We start with the TV heaven that was Mr Pastry. Who remembers Mr Pastry?
One of my earliest television memories was of Richard Hearne as Mr Pastry - which might not mean a lot to many reading this.
The fact was Mr Pastry was hilariously funny (well he was to a very young child anyway) - a slapstick clown in the real pantomime tradition who became nationally and internationally known.
The big thing for me was Mr Pastry came from Norwich and seemed to be on television all the time. Sadly, I can't remember much about the programmes but I do remember his pin striped suit, bowler hat, walrus moustache and crazy demeanour, borne out of the fact that he came from a family of actors and circus acrobats.
It seemed strange that this man should come from the same City as myself. I always get this feeling of wonderment when this happens - after all famous people come from Manchester or Liverpool or London or Birmingham and not from good old Norwich. Well Richard Hearne did come from Norwich and he's still a local celebrity, despite the fact he's been dead for 30 years, He was the first television star in the accepted sense of the word and the first to have his own show which involved slapstick adventures.

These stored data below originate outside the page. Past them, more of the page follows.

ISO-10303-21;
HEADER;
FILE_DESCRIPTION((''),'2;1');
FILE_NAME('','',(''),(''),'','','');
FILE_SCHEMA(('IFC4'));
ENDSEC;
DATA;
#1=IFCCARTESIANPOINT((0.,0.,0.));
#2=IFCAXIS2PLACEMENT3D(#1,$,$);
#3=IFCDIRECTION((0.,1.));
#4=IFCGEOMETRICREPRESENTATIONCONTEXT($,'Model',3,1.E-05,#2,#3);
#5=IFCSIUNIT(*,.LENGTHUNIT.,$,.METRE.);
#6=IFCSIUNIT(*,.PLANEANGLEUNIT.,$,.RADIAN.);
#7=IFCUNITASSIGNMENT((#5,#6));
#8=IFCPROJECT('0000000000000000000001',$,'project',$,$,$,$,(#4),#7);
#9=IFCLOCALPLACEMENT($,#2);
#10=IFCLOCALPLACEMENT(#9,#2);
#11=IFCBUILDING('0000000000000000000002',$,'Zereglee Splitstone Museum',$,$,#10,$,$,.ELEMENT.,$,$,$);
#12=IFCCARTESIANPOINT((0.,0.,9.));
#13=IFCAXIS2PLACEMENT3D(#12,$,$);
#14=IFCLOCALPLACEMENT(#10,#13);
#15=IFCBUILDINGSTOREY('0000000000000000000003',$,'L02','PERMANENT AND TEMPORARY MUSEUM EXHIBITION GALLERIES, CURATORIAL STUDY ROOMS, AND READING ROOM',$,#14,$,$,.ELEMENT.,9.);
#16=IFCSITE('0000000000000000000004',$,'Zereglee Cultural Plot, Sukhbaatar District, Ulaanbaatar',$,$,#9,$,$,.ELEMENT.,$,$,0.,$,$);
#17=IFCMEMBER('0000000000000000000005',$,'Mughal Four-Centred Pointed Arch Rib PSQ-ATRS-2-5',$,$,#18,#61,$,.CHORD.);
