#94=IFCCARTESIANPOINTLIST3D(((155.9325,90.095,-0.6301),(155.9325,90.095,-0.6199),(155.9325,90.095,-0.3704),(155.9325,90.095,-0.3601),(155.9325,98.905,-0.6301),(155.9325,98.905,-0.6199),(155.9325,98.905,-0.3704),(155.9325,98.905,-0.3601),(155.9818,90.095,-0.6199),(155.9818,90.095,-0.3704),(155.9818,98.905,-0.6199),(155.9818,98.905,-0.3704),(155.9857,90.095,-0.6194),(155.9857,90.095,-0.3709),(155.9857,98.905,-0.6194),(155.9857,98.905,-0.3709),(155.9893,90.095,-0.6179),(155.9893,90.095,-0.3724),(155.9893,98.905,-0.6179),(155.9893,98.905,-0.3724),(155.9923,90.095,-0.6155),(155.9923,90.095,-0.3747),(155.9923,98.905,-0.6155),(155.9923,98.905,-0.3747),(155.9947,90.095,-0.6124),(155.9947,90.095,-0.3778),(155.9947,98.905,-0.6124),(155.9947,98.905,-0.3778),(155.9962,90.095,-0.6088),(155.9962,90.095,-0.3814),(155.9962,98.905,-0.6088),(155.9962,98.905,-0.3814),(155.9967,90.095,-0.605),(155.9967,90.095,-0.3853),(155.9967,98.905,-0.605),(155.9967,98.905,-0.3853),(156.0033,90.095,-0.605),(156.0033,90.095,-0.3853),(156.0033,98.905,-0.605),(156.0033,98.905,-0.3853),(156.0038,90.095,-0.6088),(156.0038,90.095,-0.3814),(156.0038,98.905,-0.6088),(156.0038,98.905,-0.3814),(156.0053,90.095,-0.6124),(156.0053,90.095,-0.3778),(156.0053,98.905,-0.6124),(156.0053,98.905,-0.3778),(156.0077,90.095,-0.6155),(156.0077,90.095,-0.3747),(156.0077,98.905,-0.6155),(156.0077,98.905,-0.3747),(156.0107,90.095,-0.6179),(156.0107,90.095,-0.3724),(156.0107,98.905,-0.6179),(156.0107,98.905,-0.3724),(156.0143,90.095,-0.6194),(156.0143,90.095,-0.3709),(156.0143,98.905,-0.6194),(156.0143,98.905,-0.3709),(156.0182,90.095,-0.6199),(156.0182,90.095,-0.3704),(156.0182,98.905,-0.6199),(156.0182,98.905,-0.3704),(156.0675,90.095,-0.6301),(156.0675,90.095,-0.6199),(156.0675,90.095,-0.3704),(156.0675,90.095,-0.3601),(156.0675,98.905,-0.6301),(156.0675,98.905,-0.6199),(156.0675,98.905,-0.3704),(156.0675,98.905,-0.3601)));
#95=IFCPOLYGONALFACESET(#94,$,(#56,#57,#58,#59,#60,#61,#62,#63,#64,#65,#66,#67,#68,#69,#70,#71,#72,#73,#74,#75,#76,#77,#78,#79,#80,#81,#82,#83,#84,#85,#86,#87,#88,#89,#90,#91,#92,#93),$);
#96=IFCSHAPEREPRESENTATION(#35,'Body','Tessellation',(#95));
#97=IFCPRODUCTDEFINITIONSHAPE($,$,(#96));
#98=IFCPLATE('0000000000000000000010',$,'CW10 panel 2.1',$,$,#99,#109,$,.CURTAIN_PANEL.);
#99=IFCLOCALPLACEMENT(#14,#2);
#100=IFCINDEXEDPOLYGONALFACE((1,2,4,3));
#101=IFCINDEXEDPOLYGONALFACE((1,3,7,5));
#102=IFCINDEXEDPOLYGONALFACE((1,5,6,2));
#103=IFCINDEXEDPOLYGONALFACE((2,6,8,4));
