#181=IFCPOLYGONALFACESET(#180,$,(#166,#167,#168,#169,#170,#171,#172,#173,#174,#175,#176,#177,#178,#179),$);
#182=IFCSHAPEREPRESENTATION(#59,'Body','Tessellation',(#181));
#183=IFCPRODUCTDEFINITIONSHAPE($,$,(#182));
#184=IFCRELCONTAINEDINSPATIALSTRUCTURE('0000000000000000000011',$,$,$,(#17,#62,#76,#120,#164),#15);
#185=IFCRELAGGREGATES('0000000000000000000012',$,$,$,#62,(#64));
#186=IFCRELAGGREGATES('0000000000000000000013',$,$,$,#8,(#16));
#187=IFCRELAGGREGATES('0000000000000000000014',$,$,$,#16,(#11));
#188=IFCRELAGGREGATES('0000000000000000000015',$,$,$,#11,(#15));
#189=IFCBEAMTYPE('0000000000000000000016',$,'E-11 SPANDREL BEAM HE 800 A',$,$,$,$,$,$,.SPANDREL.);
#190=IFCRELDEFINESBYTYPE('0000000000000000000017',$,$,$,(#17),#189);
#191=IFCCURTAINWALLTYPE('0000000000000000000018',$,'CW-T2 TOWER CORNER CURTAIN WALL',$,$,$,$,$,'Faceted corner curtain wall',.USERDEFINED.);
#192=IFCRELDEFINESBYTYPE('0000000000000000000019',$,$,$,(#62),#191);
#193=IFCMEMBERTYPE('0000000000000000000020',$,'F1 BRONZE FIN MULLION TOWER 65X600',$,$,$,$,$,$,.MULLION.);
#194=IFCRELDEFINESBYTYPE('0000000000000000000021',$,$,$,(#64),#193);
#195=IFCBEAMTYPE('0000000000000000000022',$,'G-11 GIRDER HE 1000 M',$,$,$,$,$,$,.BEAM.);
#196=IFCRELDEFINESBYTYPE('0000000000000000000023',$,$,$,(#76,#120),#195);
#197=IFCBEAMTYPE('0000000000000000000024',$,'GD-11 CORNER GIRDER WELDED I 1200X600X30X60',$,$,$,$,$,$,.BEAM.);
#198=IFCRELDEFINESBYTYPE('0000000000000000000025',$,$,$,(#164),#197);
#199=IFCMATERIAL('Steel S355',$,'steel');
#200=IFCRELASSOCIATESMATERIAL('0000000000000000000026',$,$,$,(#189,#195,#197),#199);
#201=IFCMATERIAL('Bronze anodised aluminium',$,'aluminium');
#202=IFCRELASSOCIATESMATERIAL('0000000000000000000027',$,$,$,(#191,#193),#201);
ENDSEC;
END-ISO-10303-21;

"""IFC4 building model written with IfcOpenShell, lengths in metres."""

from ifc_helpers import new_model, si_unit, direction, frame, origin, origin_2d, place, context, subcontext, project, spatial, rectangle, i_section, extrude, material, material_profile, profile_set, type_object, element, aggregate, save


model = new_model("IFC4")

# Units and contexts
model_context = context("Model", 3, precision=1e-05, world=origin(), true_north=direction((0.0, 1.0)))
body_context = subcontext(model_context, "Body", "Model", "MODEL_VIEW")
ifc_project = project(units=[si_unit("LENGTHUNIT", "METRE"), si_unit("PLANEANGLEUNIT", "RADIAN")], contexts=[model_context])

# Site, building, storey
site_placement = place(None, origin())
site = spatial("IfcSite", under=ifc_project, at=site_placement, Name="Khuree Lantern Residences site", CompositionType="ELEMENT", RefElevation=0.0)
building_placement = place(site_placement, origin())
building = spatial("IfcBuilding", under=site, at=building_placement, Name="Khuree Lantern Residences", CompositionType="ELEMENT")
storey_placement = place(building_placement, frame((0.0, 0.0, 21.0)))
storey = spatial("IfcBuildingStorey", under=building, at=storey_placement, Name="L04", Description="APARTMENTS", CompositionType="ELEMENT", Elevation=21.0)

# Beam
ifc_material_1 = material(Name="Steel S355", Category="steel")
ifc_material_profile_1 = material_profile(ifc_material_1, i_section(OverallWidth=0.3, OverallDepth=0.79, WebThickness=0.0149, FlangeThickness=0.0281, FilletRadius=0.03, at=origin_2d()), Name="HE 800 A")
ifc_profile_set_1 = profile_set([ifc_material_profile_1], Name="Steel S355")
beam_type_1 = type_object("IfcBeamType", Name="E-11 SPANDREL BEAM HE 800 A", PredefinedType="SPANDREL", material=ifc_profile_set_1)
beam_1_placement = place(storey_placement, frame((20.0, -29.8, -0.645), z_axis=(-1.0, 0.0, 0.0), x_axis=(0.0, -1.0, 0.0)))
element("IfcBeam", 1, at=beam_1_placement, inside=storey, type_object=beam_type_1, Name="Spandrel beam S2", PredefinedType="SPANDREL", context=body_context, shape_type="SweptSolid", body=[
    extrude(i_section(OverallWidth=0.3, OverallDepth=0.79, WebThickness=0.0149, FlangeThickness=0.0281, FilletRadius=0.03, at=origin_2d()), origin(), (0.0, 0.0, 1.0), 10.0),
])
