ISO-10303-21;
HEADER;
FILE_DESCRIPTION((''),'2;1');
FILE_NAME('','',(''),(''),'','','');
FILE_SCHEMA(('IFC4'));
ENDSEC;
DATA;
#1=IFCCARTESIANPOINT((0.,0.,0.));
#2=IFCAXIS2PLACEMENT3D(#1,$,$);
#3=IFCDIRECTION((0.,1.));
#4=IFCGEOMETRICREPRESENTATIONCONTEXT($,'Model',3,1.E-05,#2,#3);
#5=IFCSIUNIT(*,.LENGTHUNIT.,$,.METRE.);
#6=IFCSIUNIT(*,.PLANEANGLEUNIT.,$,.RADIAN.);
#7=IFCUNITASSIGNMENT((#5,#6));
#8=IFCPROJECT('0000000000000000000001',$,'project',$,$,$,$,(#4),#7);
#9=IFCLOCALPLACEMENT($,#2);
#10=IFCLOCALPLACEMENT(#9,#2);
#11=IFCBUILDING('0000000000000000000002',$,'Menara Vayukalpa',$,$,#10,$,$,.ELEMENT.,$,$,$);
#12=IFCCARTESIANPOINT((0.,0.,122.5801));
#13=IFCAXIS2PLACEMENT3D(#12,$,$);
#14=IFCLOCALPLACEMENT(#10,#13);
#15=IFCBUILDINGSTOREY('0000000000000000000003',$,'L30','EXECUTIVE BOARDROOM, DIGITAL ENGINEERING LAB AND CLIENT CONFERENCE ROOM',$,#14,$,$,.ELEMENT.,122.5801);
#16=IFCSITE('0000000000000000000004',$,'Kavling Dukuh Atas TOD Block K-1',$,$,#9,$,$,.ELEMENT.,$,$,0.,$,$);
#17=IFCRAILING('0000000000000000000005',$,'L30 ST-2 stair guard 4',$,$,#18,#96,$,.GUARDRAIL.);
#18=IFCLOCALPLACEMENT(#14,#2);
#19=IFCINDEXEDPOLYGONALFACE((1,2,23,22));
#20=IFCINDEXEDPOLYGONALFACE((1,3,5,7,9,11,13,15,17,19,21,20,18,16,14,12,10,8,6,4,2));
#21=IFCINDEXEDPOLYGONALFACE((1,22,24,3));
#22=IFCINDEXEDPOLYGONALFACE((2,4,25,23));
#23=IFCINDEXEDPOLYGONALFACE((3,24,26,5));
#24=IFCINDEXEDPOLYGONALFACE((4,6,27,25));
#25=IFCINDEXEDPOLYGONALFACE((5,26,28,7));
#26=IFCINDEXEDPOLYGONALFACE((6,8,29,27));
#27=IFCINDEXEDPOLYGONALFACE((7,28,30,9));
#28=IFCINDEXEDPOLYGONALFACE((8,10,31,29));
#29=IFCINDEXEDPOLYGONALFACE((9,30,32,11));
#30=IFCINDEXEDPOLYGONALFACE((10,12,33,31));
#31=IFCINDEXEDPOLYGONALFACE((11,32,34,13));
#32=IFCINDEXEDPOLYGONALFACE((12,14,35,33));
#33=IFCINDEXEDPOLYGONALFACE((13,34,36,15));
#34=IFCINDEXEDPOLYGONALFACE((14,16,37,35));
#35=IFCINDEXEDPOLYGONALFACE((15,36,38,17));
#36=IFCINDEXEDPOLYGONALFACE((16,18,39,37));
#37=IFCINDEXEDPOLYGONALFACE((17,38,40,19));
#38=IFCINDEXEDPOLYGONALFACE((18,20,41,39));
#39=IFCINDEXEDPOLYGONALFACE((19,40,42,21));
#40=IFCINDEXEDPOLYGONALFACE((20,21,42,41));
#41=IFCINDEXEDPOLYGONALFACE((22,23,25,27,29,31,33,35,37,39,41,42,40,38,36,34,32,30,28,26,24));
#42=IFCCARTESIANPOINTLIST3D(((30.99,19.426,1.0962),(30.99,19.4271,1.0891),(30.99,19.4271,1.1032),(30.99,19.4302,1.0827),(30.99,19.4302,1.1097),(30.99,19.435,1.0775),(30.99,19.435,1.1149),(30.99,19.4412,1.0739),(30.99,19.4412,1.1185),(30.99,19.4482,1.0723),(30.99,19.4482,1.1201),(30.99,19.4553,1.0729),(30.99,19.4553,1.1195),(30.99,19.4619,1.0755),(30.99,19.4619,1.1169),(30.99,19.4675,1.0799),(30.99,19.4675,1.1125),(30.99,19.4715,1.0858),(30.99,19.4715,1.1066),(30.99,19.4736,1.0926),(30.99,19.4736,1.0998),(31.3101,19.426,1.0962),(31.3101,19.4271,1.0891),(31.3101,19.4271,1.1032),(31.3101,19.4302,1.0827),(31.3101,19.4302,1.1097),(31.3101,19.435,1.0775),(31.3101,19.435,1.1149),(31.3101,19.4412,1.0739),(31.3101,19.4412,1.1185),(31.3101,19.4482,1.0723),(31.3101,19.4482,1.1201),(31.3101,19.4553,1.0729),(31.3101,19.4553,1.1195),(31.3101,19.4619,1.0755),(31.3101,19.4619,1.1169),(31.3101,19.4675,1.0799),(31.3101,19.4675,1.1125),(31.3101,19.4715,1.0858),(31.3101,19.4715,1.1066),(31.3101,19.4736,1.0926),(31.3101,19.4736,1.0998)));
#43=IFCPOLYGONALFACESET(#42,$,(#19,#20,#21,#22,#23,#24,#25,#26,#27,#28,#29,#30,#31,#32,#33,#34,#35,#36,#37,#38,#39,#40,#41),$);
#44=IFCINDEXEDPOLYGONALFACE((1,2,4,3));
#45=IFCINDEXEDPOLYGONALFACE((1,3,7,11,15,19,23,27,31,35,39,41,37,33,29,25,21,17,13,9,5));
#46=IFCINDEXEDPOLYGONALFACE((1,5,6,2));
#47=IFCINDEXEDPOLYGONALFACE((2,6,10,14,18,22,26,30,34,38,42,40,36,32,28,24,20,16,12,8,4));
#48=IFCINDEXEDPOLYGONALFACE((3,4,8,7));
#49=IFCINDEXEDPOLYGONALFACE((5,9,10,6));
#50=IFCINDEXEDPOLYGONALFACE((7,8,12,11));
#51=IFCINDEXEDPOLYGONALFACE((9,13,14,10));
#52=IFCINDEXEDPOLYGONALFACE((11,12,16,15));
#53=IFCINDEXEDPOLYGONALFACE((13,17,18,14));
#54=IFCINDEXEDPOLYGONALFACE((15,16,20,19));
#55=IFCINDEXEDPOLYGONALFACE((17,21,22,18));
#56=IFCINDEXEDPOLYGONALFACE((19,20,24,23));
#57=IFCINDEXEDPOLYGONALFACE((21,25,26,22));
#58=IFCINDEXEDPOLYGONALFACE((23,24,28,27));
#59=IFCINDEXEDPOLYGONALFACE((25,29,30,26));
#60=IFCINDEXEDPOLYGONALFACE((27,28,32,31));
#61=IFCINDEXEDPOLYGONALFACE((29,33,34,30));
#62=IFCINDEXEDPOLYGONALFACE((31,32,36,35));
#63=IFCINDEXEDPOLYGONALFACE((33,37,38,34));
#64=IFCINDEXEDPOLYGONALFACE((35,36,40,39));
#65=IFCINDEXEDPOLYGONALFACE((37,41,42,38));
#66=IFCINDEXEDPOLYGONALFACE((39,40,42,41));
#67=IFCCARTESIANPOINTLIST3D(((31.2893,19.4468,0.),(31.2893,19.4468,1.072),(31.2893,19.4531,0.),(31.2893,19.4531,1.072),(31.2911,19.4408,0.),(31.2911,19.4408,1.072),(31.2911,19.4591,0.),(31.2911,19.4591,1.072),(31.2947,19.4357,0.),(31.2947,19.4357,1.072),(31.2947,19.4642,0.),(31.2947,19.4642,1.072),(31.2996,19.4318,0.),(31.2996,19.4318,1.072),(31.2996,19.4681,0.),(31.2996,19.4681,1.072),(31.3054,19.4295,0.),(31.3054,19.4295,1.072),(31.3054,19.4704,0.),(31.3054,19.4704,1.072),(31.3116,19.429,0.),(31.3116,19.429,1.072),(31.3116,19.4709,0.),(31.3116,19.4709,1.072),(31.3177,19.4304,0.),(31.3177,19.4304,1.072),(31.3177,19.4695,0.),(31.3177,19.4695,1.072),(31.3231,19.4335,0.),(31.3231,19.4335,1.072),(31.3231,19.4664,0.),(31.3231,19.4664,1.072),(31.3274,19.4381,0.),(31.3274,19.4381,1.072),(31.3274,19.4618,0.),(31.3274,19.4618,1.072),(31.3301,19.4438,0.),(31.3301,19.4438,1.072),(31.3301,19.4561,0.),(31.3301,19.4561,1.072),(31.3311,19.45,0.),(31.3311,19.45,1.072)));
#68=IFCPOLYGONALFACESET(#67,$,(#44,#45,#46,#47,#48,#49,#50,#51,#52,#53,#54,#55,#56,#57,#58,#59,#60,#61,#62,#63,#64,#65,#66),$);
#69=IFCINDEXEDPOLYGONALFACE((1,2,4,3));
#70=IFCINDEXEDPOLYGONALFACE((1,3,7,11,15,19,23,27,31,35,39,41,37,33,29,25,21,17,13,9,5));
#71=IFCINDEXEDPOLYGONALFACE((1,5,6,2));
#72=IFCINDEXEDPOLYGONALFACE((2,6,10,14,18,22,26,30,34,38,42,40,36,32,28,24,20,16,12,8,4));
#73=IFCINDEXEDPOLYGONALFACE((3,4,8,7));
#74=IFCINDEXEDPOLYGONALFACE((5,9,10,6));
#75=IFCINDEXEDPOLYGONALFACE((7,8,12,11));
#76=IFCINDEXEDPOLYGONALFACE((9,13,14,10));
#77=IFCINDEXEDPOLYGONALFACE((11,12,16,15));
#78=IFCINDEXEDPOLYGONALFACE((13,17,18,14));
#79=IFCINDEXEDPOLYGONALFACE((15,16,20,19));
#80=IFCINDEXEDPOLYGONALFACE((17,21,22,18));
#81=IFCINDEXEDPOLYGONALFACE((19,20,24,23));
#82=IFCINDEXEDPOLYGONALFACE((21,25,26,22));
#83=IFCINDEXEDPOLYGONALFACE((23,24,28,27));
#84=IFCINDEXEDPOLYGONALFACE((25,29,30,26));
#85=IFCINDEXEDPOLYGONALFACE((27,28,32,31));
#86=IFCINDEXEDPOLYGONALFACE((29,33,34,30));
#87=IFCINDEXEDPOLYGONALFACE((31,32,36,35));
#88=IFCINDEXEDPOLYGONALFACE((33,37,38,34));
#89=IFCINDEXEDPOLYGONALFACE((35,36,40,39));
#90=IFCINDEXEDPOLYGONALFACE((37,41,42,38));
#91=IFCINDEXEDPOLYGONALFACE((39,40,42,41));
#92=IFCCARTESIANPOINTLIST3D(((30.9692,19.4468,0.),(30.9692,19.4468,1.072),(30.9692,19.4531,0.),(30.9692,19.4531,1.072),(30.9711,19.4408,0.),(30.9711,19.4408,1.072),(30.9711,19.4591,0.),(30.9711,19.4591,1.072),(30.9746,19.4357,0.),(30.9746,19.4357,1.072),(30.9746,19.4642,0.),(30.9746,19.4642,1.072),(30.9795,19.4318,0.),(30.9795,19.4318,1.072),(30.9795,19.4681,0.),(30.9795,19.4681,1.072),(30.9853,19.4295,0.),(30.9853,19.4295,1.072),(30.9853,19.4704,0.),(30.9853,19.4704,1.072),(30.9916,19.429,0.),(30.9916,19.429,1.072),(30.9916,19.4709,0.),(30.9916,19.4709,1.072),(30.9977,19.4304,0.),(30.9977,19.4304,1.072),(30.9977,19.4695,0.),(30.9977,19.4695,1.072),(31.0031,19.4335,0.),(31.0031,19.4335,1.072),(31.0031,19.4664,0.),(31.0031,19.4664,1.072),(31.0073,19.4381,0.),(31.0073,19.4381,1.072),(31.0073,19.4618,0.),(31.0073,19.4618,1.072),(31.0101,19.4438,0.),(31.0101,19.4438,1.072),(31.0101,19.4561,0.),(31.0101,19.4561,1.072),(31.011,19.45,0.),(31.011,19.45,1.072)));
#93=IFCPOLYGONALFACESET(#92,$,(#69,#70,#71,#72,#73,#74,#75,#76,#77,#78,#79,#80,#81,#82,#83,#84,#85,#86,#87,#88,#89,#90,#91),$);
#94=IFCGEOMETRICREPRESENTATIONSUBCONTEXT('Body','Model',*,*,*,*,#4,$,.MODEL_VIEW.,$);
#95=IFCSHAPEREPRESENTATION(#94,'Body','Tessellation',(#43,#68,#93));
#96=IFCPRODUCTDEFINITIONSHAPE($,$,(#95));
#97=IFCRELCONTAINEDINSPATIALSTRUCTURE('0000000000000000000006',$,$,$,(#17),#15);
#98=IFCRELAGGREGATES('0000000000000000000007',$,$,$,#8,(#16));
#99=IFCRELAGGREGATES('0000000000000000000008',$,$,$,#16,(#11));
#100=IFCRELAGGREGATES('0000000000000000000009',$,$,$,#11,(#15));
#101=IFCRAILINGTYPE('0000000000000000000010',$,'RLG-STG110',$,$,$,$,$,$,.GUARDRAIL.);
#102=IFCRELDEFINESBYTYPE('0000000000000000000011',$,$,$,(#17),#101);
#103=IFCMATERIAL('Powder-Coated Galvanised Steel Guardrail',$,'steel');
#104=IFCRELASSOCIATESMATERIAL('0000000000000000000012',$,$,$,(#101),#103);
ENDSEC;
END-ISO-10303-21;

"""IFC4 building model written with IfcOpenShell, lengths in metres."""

from ifc_helpers import new_model, si_unit, direction, frame, origin, origin_2d, place, context, subcontext, project, spatial, circle, extrude, material, type_object, element, save


model = new_model("IFC4")

# Units and contexts
model_context = context("Model", 3, precision=1e-05, world=origin(), true_north=direction((0.0, 1.0)))
body_context = subcontext(model_context, "Body", "Model", "MODEL_VIEW")
ifc_project = project(units=[si_unit("LENGTHUNIT", "METRE"), si_unit("PLANEANGLEUNIT", "RADIAN")], contexts=[model_context])

# Site, building, storey
site_placement = place(None, origin())
site = spatial("IfcSite", under=ifc_project, at=site_placement, Name="Kavling Dukuh Atas TOD Block K-1", CompositionType="ELEMENT", RefElevation=0.0)
building_placement = place(site_placement, origin())
building = spatial("IfcBuilding", under=site, at=building_placement, Name="Menara Vayukalpa", CompositionType="ELEMENT")
storey_placement = place(building_placement, frame((0.0, 0.0, 122.5801)))
storey = spatial("IfcBuildingStorey", under=building, at=storey_placement, Name="L30", Description="EXECUTIVE BOARDROOM, DIGITAL ENGINEERING LAB AND CLIENT CONFERENCE ROOM", CompositionType="ELEMENT", Elevation=122.5801)

# Railing
ifc_material_1 = material(Name="Powder-Coated Galvanised Steel Guardrail", Category="steel")
railing_type_1 = type_object("IfcRailingType", Name="RLG-STG110", PredefinedType="GUARDRAIL", material=ifc_material_1)
railing_1_placement = place(storey_placement, frame((31.3101, 19.45, 0.0)))
element("IfcRailing", 1, at=railing_1_placement, inside=storey, type_object=railing_type_1, Name="L30 ST-2 stair guard 4", PredefinedType="GUARDRAIL", context=body_context, shape_type="SweptSolid", body=[
    extrude(circle(Radius=0.0239, at=origin_2d()), frame((0.0, 0.0, 1.0962), z_axis=(-1.0, 0.0, 0.0), x_axis=(0.0, -1.0, 0.0)), (0.0, 0.0, 1.0), 0.3201),
    extrude(circle(Radius=0.021, at=origin_2d()), origin(), (0.0, 0.0, 1.0), 1.072),
    extrude(circle(Radius=0.021, at=origin_2d()), frame((-0.3201, 0.0, 0.0)), (0.0, 0.0, 1.0), 1.072),
])

save(model, "model.ifc")
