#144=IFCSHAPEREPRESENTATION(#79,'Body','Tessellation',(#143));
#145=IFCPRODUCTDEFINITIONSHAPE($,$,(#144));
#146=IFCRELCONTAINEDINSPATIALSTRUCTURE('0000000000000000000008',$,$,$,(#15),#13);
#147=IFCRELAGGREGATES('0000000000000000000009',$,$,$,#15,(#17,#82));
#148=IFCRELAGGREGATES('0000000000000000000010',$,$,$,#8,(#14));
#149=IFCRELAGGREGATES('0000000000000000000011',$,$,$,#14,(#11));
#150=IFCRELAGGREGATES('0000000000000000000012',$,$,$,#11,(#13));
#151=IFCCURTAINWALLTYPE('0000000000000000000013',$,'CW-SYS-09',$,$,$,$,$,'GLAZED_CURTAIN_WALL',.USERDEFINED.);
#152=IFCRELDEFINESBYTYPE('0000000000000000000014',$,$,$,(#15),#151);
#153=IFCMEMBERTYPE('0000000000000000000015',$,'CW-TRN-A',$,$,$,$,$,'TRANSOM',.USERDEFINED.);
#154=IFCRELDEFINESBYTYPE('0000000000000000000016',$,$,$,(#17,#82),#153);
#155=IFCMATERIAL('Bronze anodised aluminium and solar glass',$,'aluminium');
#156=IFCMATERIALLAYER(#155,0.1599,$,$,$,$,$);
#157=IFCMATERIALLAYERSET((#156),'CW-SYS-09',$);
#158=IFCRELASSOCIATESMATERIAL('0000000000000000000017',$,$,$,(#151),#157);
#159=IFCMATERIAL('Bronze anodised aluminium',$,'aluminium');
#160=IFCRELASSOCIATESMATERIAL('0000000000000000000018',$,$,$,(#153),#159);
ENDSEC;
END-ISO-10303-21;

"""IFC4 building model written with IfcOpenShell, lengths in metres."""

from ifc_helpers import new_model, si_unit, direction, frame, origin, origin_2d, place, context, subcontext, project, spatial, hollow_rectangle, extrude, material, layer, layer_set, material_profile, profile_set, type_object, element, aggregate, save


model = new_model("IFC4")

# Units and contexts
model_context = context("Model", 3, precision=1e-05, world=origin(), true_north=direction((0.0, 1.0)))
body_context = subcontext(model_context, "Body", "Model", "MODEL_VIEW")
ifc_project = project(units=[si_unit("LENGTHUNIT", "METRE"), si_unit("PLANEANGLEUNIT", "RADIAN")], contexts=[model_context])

He also became popular in America - appearing regularly in the top-rated Ed Sullivan Show. According to the internet he was offered the part of Dr Who when Jon Pertwee left but wanted to play the time Lord as Mr Pastry - that would have been something - custard pies and Daleks.
Richard, like all good Norwich people, was a tireless worker for charity and was awarded the OBE and sounds like an all-round good chap and a good memory to have. There’s a You Tube clip where he’s quite a young man and is filmed putting on all the Mr Pastry stuff that made him look much older.
I tried to find the house in which he was born only to find that the street has been knocked down to make way for the area around Norwich Forum which is slap bang in the middle of the city.
Now to the final TV Heaven and Hell (for now anyway) and this is definitely hell - a show that scared me witless. Step forward Quatermass and the Pit.
This is one of those programmes that takes on great significance on a personal level. I should imagine that if I revisited this drama I would find it very tame indeed, but at the end of 1958 it was scary to an impressionable six year old.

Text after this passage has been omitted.